Let $L/F$. Let $K_1/F$ and $K_2/F$ be such that $K_1,K_2\subseteq L$. Let $K_1{K}_2$ denote the smallest field containing $K_1$ and $K_2$.

[!Example]
Let ${\alpha }_1,\dots ,{\alpha }_n\in L$ be such that $K_2=F({\alpha }_1,\dots ,{\alpha }_n)$. If $K_1\subseteq L$ is any field, then $K_1{K}_2=K_1({\alpha }_1,\dots ,{\alpha }_n)$.

[!Example]
Let $p,q$ be prime numbers. Let ${\eta }_p$ and ${\eta }_q$ be roots of unity. $K_1=\mathbb{Q}({\eta }_p)$, $K_2=\mathbb{Q}({\eta }_q)$.

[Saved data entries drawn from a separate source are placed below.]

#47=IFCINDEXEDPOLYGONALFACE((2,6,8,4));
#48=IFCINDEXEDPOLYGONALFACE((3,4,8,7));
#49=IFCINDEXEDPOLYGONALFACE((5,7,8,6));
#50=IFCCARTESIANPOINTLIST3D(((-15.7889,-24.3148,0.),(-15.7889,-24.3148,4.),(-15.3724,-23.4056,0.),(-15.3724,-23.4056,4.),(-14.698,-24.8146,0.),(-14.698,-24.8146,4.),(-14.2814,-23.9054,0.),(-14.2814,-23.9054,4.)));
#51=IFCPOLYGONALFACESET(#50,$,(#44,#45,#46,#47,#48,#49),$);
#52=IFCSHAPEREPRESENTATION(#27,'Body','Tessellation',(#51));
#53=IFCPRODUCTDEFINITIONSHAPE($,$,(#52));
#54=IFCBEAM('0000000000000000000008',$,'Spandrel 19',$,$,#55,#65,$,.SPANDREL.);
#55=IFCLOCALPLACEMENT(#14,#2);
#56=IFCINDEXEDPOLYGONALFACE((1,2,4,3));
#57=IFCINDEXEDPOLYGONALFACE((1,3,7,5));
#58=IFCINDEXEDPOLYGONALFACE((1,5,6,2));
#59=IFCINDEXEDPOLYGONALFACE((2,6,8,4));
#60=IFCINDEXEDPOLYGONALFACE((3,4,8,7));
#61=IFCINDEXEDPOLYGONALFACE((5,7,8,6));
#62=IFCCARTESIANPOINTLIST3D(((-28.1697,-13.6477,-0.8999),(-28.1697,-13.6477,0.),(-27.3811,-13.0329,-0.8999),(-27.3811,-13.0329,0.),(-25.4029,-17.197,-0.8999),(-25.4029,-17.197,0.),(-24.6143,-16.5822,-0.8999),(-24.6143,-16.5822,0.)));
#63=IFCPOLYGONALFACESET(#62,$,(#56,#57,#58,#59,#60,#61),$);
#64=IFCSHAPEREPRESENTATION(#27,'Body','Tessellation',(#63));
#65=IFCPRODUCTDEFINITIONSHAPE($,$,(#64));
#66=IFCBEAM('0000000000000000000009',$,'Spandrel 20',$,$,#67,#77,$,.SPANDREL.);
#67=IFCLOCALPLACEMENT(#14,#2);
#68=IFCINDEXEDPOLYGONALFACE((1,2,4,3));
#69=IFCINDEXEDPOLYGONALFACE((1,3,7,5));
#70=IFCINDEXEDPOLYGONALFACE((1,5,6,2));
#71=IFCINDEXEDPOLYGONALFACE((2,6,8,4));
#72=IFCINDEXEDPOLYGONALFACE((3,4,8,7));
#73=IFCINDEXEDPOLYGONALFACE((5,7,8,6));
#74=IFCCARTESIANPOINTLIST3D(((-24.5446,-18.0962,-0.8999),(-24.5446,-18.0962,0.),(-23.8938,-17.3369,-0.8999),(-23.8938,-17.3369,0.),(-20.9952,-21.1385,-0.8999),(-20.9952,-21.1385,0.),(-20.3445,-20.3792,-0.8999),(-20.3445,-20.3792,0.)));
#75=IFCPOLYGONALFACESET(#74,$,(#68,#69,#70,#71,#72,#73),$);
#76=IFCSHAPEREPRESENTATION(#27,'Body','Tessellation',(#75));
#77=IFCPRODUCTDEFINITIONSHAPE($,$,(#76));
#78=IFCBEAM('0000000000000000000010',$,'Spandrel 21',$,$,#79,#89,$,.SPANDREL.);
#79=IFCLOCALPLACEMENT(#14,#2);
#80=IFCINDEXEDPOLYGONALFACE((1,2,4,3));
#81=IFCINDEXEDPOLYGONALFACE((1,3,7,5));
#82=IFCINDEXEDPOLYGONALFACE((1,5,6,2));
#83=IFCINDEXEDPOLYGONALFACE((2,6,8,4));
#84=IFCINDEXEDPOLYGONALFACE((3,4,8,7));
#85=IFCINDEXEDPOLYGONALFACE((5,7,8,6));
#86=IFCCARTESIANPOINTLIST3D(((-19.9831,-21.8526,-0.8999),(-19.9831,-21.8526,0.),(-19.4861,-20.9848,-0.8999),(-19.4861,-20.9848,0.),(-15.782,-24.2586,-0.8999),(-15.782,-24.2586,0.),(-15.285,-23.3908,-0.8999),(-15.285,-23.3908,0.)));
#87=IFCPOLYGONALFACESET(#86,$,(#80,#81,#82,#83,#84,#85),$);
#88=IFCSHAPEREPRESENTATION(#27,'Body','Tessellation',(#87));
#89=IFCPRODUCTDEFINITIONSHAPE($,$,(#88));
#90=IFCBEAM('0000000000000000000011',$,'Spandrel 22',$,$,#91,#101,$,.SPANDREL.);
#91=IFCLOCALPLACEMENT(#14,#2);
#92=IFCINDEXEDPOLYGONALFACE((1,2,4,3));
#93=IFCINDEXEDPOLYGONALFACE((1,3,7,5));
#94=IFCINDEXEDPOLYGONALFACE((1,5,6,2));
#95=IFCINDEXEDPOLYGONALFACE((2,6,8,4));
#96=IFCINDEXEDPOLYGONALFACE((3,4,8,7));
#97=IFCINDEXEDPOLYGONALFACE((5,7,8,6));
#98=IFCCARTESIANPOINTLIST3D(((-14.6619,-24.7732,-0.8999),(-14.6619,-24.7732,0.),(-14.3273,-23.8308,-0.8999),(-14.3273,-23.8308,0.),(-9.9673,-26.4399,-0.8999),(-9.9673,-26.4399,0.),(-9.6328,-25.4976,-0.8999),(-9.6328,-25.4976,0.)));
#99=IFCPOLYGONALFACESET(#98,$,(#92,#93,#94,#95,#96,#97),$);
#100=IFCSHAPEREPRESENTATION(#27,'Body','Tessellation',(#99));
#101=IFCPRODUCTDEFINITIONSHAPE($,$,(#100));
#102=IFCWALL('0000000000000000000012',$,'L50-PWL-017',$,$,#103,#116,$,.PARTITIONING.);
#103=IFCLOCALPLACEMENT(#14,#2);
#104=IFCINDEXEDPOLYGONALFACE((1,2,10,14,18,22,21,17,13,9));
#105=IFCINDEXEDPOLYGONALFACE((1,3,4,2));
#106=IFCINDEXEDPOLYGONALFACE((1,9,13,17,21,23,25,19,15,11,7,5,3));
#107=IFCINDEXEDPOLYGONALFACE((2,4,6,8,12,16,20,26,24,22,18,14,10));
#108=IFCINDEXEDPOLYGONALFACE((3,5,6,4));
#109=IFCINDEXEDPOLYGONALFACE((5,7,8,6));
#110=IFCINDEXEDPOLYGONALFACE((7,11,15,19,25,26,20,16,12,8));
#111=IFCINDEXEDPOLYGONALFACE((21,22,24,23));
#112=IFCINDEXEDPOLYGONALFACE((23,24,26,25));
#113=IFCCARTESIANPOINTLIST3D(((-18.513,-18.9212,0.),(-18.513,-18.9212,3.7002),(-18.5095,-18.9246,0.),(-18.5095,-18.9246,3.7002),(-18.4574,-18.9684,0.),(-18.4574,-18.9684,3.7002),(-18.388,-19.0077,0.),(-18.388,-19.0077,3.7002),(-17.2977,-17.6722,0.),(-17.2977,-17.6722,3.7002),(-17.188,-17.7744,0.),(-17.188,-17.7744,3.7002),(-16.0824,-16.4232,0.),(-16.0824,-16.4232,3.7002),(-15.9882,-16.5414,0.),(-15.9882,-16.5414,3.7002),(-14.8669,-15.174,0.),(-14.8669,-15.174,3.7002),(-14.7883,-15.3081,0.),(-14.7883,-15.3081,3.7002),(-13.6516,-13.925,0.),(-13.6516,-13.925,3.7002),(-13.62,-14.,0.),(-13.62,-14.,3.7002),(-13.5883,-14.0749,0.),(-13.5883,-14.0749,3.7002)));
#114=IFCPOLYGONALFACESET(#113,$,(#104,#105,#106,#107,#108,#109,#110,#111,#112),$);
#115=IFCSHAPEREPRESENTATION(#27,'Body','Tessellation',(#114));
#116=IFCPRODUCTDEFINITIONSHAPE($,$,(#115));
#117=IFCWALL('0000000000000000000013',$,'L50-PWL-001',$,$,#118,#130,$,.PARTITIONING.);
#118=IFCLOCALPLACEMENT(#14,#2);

Show that $K_1{K}_2=\mathbb{Q}({\eta }_{pq})$.

Let $1=mp+nq$. Then,

$$\begin{array}{r}{e}^{2\pi i/pq}=(e^{2\pi i/p}{)}^m(e^{2\pi i/q}{)}^n\end{array}$$

so $\supseteq$ is clear. $\subseteq$ is also clear.

[!Example]
Let $F=\mathbb{Q}$. Let $\alpha$ be a cube root of $2$ and $\omega$ be a cube root of unity. Let $\psi :\mathbb{Q}[\alpha ]\to \mathbb{Q}[\alpha w]$ by $\alpha \mapsto \alpha \omega$. If $\alpha$ is a root of $f(x)$, then $\alpha \omega$ is also a root of $f(x)$.

[!Question]
Let $F$ be a field and $f(x)\in F[x]$. A field extension $K/F$ such that $K$ contains all roots of $f$ is called the splitting field of $F$.